13. The petitioner did not choose to challenge the aforesaid part of the award in the said proceedings. It is not disputed that in terms of the final bill issued by the petitioner, the respondents made payment out of which, certain disputes arose and in terms of the award passed by the arbitrator in respect of the said disputes, the award has also been made a Rule of the Court. Thus, in respect of the aforesaid claim, there is full and final satisfaction of the contract upon the award in respect of claim No. 3 being made a Rule of the Court notwithstanding subsequent protest and raising a further dispute and also imposition of condition now relating to the acceptance of such payment. Upon acceptance by the contractor of payment, the contract stood discharged and extinguished in so far as it relates and/or concerns the claims of the contractor.
14. My attention was drawn to the decision of this Court in M/s. Bansal Construction Co. (supra) and I respectfully agree with the ratio laid down in the aforesaid decision that in accordance with the clause in the contract, the arbitration clause stood discharged and could not be invoked. Reference may also be made to the decision of the Supreme Court in K. V. George (supra) wherein the Supreme Court after considering the decision of the Privy Council in Muhammad Hafiz (AIR 1922 PC 23) (supra) held that the second claim petition before the arbitrator is barred under the provisions of Order 2, Rule 2 of the Code of Civil Procedure since the present contract stood discharged and because all issues arising out of the termination of the Contract could have been raised in the first claim petition which is filed before the arbitrator by the petitioner. Since the same was not done, the present second petition for referring the dispute to the arbitrator is barred under the provisions of Order 2, Rule 2, C. P. C. In my opinion, the aforesaid decision of the Supreme Court is fully applicable to the facts and circumstances of the present case.
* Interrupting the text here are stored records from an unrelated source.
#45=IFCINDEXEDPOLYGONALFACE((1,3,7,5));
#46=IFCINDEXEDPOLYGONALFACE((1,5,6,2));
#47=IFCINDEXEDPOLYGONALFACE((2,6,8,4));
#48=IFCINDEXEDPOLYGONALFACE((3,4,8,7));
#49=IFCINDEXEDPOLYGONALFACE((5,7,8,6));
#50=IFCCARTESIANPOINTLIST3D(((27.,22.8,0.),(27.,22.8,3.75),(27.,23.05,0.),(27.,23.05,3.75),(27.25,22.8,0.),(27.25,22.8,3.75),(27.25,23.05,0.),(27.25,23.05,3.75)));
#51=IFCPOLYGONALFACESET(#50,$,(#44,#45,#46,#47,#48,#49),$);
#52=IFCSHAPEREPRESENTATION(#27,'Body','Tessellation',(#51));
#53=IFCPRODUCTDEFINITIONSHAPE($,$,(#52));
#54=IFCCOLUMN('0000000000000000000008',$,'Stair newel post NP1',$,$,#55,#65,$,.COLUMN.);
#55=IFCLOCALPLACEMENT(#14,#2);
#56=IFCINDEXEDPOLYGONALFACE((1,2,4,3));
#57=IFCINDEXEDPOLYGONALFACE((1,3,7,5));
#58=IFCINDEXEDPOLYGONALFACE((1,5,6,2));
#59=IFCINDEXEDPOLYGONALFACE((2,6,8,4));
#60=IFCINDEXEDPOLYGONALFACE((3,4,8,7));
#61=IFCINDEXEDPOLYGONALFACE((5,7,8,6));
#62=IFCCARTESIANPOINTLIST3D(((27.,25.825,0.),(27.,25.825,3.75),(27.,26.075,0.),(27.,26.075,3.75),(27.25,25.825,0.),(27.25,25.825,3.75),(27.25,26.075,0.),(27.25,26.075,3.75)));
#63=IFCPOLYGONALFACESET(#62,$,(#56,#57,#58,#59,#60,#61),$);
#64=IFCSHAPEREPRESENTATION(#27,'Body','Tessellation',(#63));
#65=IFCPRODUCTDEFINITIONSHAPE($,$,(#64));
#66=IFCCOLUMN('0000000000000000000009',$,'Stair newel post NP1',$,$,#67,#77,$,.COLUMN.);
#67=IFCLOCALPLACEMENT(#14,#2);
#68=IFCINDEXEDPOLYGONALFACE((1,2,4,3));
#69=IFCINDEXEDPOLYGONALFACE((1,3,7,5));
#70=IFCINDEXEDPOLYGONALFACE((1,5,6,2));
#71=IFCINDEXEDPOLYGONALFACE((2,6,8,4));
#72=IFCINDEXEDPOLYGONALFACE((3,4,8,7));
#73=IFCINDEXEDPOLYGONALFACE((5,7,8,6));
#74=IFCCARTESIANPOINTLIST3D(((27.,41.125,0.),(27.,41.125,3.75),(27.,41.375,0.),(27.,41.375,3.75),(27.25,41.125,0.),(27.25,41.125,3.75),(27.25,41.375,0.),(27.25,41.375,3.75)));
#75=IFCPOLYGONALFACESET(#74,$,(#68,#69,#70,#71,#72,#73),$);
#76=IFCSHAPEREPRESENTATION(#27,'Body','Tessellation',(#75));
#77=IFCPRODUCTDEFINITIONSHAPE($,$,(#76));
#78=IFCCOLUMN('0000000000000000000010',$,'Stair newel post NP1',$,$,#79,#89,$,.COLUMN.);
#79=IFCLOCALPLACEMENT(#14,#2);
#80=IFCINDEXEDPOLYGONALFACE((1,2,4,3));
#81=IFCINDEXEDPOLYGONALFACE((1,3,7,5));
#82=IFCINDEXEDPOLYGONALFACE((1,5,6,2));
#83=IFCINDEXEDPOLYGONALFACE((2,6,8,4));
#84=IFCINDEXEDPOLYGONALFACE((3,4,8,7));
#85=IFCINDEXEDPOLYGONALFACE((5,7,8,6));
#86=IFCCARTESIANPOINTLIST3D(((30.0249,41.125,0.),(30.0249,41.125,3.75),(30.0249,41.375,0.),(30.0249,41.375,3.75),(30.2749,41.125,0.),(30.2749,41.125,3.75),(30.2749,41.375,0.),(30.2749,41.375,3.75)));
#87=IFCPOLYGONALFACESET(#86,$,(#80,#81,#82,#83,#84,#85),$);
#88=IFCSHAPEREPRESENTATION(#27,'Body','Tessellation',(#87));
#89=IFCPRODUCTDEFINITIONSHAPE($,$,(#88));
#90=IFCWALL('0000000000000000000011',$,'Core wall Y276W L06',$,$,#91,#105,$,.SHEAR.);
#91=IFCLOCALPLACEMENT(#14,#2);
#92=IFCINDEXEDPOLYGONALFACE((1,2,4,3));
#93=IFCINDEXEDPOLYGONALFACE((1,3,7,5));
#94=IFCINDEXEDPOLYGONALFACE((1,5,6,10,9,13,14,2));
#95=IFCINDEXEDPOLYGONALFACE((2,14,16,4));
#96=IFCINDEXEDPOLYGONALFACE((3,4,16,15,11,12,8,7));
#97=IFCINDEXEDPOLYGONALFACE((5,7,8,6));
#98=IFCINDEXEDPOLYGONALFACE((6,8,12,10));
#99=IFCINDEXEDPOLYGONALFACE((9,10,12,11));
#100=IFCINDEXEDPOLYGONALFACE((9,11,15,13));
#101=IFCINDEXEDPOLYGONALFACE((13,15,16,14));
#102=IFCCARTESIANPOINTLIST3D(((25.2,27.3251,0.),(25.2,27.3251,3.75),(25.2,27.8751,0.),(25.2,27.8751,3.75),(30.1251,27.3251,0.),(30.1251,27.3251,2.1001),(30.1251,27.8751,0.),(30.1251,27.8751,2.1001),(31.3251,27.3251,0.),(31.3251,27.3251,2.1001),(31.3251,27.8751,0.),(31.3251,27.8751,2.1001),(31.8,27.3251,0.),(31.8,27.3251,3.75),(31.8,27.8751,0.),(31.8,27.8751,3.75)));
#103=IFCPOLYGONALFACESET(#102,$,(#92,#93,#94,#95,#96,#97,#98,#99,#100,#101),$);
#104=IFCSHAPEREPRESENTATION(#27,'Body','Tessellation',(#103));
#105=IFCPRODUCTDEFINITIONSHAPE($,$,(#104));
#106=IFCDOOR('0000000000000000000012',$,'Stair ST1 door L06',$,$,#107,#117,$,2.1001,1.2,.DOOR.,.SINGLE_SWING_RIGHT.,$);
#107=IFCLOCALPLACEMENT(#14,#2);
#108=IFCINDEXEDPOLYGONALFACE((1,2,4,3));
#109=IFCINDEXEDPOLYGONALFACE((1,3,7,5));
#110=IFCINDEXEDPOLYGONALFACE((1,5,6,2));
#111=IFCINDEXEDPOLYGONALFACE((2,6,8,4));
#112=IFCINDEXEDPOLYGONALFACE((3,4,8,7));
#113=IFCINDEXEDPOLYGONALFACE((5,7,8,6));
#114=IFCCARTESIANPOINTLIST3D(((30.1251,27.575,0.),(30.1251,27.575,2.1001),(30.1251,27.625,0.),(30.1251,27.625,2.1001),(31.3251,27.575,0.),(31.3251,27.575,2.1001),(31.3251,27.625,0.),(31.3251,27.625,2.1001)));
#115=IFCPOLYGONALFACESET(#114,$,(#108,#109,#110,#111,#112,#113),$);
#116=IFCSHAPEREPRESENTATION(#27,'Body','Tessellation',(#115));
15. This matter could also be looked into from another angle. The petitioner accepted the payment as per the award and the same has become final and binding. With the aforesaid acceptance of payment received without protest and without challenging the award there was accord and satisfaction by final settlement of the claims of the petitioner including claim No. 3. Thus the ratio of decisions of the Supreme Court in P. K. Ranjaiah & Co. v. Chairman and M. D., NTPC, and in State of Maharashtra v. Nav Bharat Builders, reported in 1994 Suppl (3) SCC 83, laying down that where full and final satisfaction is acknowledged by a receipt in writing the amount was received unconditionally there is accord and satisfaction by final settlement of all claims. In the present case, the petitioner received the awarded amount in terms of the award unconditionally and without protest and thus there is total accord and satisfaction and the contract stood discharged and extinguished.
16. On the basis of the aforesaid findings I find no merit in this petition and is accordingly dismissed.